10) You’re too friendly with other guys. This is something my good friend actually had to sit me down and lecture me about. Apparently, I was so nice to every guy that no guy would ever think he had a chance. Turns out men, for all their gigantic egos, actually have a desire to be needed. If your every comment to every guy is “Wowww! Hiiiii!!! Miss you!! xoxoxoxo” with sprinkles of inside stories in-between, or if your profile is the type where guys feel free to use personal stories to kick everybody out of what is supposed to be a healthy status update discussion, then you just might be sending the wrong message to that single guy who just might be looking.
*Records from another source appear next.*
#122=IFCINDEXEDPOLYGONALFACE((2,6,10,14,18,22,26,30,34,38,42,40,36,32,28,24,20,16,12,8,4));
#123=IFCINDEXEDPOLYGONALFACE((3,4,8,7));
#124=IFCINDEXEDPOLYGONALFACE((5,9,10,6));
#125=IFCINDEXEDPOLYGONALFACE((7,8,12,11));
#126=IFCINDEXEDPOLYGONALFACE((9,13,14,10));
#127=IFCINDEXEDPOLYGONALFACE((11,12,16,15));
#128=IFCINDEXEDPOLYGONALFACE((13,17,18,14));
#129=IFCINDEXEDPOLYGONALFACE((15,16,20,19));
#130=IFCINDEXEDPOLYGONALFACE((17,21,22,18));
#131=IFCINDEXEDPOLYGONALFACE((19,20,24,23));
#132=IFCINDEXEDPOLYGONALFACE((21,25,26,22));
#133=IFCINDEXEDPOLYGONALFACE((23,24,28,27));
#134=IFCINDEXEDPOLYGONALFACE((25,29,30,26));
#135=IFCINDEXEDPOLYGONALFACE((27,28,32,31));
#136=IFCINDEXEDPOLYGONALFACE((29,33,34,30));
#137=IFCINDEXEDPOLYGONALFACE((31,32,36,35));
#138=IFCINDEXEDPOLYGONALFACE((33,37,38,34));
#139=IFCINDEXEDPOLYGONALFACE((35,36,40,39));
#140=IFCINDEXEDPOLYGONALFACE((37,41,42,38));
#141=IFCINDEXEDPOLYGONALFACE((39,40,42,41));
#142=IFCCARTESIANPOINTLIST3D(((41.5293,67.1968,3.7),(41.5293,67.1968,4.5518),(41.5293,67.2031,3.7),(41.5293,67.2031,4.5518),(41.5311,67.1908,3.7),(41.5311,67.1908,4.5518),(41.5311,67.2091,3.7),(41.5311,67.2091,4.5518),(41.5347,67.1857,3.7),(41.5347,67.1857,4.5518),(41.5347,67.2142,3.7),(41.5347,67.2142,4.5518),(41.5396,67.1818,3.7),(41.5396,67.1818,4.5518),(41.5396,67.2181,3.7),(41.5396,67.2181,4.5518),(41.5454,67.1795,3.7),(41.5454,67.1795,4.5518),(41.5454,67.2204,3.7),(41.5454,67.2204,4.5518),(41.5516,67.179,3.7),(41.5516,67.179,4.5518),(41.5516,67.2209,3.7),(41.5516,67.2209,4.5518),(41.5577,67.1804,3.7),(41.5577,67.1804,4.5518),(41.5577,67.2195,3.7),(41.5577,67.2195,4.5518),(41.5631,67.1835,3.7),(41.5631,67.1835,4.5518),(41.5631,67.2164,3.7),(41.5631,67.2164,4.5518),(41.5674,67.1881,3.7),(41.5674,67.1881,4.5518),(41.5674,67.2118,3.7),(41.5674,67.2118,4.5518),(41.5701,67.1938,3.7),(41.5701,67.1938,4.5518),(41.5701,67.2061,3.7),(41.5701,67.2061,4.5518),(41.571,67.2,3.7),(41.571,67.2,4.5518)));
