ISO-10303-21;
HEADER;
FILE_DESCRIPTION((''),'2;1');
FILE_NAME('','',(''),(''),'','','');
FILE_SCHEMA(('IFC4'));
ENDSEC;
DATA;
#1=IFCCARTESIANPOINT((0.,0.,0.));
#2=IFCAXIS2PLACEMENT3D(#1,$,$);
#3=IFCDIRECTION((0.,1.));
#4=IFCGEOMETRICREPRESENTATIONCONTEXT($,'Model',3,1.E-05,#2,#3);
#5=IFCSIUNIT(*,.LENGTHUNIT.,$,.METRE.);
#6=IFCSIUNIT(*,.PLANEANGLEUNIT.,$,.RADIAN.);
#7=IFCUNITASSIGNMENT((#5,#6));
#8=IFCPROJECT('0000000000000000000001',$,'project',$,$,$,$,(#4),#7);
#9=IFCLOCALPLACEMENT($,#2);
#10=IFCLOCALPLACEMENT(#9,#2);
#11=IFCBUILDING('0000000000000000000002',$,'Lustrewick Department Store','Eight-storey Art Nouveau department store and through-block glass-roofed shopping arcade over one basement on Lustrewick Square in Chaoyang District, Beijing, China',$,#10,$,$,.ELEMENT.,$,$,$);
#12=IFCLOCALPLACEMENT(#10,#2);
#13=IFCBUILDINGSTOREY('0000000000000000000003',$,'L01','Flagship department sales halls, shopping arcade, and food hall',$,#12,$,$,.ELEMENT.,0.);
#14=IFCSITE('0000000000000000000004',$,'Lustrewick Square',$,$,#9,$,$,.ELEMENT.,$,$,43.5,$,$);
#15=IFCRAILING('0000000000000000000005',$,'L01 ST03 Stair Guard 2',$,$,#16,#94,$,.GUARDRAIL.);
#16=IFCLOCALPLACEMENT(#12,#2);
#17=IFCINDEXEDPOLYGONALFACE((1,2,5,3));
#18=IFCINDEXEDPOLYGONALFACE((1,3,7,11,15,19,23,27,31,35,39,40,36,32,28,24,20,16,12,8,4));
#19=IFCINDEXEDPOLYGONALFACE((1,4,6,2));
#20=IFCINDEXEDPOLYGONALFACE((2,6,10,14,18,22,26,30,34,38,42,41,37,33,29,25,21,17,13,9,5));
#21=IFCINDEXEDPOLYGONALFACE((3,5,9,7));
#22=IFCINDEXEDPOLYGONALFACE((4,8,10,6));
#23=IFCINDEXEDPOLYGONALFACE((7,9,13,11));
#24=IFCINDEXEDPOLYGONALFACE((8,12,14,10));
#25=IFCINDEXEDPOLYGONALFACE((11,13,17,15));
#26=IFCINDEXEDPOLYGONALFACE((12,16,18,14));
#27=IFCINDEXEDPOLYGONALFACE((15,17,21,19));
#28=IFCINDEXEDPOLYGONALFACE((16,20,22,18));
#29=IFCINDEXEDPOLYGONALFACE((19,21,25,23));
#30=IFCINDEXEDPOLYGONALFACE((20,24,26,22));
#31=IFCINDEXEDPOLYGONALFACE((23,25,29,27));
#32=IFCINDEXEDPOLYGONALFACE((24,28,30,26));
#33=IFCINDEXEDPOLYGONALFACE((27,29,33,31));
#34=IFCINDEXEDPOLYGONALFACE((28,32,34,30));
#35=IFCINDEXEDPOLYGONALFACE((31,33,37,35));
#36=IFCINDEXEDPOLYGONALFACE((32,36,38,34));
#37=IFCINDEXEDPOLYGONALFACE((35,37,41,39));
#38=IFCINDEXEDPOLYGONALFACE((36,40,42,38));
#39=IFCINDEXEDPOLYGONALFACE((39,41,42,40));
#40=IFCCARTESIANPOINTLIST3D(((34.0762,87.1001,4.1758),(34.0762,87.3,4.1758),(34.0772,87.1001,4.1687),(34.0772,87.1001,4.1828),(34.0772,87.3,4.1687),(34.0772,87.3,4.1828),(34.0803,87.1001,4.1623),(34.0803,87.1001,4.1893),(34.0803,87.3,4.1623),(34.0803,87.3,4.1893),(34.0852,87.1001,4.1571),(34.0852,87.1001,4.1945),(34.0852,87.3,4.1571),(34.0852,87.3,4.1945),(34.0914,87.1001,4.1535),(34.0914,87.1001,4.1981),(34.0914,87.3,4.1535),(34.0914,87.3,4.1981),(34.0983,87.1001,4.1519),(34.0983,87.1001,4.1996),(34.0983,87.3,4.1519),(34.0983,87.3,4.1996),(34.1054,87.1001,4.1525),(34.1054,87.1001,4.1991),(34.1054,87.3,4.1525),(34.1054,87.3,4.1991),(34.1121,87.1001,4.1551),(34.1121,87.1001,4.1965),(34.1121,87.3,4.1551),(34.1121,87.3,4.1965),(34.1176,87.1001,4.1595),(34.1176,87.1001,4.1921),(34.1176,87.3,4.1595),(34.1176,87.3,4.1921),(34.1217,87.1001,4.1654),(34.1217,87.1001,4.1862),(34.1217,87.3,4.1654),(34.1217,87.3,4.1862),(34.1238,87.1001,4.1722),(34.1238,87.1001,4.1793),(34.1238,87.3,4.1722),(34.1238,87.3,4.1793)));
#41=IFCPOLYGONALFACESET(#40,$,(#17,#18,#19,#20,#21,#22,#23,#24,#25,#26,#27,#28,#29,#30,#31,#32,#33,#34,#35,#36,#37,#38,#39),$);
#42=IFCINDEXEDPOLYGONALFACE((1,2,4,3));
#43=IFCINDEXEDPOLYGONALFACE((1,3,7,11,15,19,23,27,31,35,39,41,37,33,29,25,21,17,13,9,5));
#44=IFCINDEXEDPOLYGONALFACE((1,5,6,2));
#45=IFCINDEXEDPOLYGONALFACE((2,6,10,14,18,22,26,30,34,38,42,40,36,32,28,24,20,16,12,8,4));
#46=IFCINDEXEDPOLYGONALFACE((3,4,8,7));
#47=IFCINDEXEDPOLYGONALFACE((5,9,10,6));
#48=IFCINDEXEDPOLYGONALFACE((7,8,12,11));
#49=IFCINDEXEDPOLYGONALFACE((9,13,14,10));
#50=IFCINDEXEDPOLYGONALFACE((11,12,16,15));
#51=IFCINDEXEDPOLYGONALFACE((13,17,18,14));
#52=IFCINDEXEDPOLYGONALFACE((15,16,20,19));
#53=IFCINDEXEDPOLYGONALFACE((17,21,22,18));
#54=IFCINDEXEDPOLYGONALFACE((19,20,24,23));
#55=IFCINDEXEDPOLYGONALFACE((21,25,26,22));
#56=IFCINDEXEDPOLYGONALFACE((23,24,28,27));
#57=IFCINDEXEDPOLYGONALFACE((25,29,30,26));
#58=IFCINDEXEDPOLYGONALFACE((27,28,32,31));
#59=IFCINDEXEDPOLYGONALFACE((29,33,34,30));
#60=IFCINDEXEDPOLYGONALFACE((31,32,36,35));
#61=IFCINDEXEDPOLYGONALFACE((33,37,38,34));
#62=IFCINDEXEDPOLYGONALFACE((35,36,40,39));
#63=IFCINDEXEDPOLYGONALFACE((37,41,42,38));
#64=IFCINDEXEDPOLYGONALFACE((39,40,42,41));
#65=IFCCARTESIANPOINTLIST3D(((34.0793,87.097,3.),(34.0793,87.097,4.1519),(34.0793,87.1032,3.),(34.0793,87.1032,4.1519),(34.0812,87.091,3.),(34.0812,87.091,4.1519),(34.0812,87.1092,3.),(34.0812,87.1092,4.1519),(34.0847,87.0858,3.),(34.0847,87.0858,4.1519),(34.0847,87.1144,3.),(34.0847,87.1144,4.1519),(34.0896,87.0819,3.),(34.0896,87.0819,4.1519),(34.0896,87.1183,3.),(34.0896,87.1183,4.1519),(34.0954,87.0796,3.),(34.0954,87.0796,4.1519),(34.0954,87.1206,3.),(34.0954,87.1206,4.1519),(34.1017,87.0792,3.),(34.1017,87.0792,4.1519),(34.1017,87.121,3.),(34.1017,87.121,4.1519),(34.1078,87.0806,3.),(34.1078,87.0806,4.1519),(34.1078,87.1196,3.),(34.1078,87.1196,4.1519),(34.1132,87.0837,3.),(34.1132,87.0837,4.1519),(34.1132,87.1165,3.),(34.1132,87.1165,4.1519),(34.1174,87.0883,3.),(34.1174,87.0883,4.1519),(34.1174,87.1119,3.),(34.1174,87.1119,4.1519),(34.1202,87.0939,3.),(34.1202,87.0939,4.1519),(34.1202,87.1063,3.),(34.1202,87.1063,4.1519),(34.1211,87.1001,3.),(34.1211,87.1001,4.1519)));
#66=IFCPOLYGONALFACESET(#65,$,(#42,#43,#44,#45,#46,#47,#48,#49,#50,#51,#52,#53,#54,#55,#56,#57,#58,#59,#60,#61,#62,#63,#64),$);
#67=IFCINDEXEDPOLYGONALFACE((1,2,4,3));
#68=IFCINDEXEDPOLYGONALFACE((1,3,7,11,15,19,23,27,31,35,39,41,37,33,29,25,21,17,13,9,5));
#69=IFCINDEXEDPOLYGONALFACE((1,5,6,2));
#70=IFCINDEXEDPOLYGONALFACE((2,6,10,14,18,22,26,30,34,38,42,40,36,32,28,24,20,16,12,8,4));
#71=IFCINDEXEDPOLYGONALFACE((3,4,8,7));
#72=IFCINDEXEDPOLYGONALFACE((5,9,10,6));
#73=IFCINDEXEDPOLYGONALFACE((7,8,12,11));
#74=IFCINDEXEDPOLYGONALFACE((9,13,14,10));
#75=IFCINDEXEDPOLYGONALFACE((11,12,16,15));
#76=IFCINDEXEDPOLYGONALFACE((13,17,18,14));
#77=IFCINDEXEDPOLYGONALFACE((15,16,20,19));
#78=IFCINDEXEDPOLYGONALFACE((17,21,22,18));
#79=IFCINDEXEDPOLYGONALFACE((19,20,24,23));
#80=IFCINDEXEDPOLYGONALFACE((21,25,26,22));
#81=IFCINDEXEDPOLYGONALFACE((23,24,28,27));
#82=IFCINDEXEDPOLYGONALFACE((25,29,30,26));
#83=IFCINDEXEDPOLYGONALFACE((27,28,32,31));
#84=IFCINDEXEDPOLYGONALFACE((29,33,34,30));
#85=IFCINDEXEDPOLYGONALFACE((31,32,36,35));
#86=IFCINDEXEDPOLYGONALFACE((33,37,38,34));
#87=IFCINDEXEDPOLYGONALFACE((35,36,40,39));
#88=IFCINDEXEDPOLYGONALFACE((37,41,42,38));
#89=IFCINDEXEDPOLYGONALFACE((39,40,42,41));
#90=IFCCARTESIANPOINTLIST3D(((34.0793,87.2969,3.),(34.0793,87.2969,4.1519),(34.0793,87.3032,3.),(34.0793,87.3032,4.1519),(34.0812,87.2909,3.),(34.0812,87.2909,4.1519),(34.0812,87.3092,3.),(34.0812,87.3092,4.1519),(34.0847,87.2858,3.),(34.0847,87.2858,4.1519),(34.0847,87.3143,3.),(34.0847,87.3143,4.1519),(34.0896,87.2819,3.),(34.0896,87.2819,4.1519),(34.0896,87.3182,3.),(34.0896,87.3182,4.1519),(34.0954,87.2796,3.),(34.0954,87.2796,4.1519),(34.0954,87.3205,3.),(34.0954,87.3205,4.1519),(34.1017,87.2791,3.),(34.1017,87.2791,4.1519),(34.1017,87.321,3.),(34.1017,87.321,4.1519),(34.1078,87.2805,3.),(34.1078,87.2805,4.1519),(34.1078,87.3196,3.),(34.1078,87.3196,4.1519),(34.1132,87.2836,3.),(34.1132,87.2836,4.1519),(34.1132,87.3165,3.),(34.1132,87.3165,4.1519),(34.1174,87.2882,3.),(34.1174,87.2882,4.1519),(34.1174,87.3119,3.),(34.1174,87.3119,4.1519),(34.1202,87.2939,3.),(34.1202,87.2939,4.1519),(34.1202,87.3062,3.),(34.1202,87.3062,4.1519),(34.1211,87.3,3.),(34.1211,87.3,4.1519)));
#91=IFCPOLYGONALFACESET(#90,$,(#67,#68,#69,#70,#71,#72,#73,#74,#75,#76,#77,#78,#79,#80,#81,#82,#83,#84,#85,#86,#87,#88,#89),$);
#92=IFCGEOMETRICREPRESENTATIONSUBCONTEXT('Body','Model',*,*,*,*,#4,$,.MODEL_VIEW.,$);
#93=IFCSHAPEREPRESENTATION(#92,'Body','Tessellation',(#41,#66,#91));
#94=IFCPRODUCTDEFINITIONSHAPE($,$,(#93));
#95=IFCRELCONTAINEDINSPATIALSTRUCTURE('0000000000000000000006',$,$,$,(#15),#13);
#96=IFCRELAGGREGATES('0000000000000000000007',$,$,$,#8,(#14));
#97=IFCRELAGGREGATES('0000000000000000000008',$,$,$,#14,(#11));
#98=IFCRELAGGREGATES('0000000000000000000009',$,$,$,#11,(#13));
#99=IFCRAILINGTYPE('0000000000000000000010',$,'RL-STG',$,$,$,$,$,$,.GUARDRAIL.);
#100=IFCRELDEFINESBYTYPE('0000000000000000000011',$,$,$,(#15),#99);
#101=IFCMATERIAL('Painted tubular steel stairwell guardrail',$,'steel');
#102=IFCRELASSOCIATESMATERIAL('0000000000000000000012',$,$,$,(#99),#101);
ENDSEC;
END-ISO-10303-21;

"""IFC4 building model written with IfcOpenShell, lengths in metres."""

from ifc_helpers import new_model, si_unit, direction, frame, origin, origin_2d, place, context, subcontext, project, spatial, circle, extrude, material, type_object, element, save


model = new_model("IFC4")

# Units and contexts
model_context = context("Model", 3, precision=1e-05, world=origin(), true_north=direction((0.0, 1.0)))
body_context = subcontext(model_context, "Body", "Model", "MODEL_VIEW")
ifc_project = project(units=[si_unit("LENGTHUNIT", "METRE"), si_unit("PLANEANGLEUNIT", "RADIAN")], contexts=[model_context])

# Site, building, storey
site_placement = place(None, origin())
site = spatial("IfcSite", under=ifc_project, at=site_placement, Name="Lustrewick Square", CompositionType="ELEMENT", RefElevation=43.5)
building_placement = place(site_placement, origin())
building = spatial("IfcBuilding", under=site, at=building_placement, Name="Lustrewick Department Store", Description="Eight-storey Art Nouveau department store and through-block glass-roofed shopping arcade over one basement on Lustrewick Square in Chaoyang District, Beijing, China", CompositionType="ELEMENT")
storey_placement = place(building_placement, origin())
storey = spatial("IfcBuildingStorey", under=building, at=storey_placement, Name="L01", Description="Flagship department sales halls, shopping arcade, and food hall", CompositionType="ELEMENT", Elevation=0.0)

# Railing
ifc_material_1 = material(Name="Painted tubular steel stairwell guardrail", Category="steel")
railing_type_1 = type_object("IfcRailingType", Name="RL-STG", PredefinedType="GUARDRAIL", material=ifc_material_1)
railing_1_placement = place(storey_placement, frame((34.1001, 87.1001, 3.0)))
element("IfcRailing", 1, at=railing_1_placement, inside=storey, type_object=railing_type_1, Name="L01 ST03 Stair Guard 2", PredefinedType="GUARDRAIL", context=body_context, shape_type="SweptSolid", body=[
    extrude(circle(Radius=0.0239, at=origin_2d()), frame((0.0, 0.0, 1.1758), z_axis=(0.0, 1.0, 0.0), x_axis=(-1.0, 0.0, 0.0)), (0.0, 0.0, 1.0), 0.2),
    extrude(circle(Radius=0.021, at=origin_2d()), origin(), (0.0, 0.0, 1.0), 1.1519),
    extrude(circle(Radius=0.021, at=origin_2d()), frame((0.0, 0.2, 0.0)), (0.0, 0.0, 1.0), 1.1519),
])

save(model, "model.ifc")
What to do to encourage him to reach out: Keep it cordial, but professional, with everyone. Personal stories can be exhausted in inbox messages and chats. That guy doesn’t know, and may not want to know, that the person you told “xoxo” is your cousin.
Bonus “ladies” point: Don’t reject a Friend Request based solely on a person’s looks. We cannot know people from their profiles, but if a man seems reasonable, then go ahead and accept his request – he just may have a brother or friend…
Get married, people. It’s good for you. And remember: Prove All Things (1 Thessalonians 5:21) and Test The Spirits (1 John 4:1).
Oh, and those weird aliases: “John SwagAndSophistication Kamau,” “Amara IGoToChurchEverySunday Jennifer,” “Cynthia DivaFabulous Smith”? NO.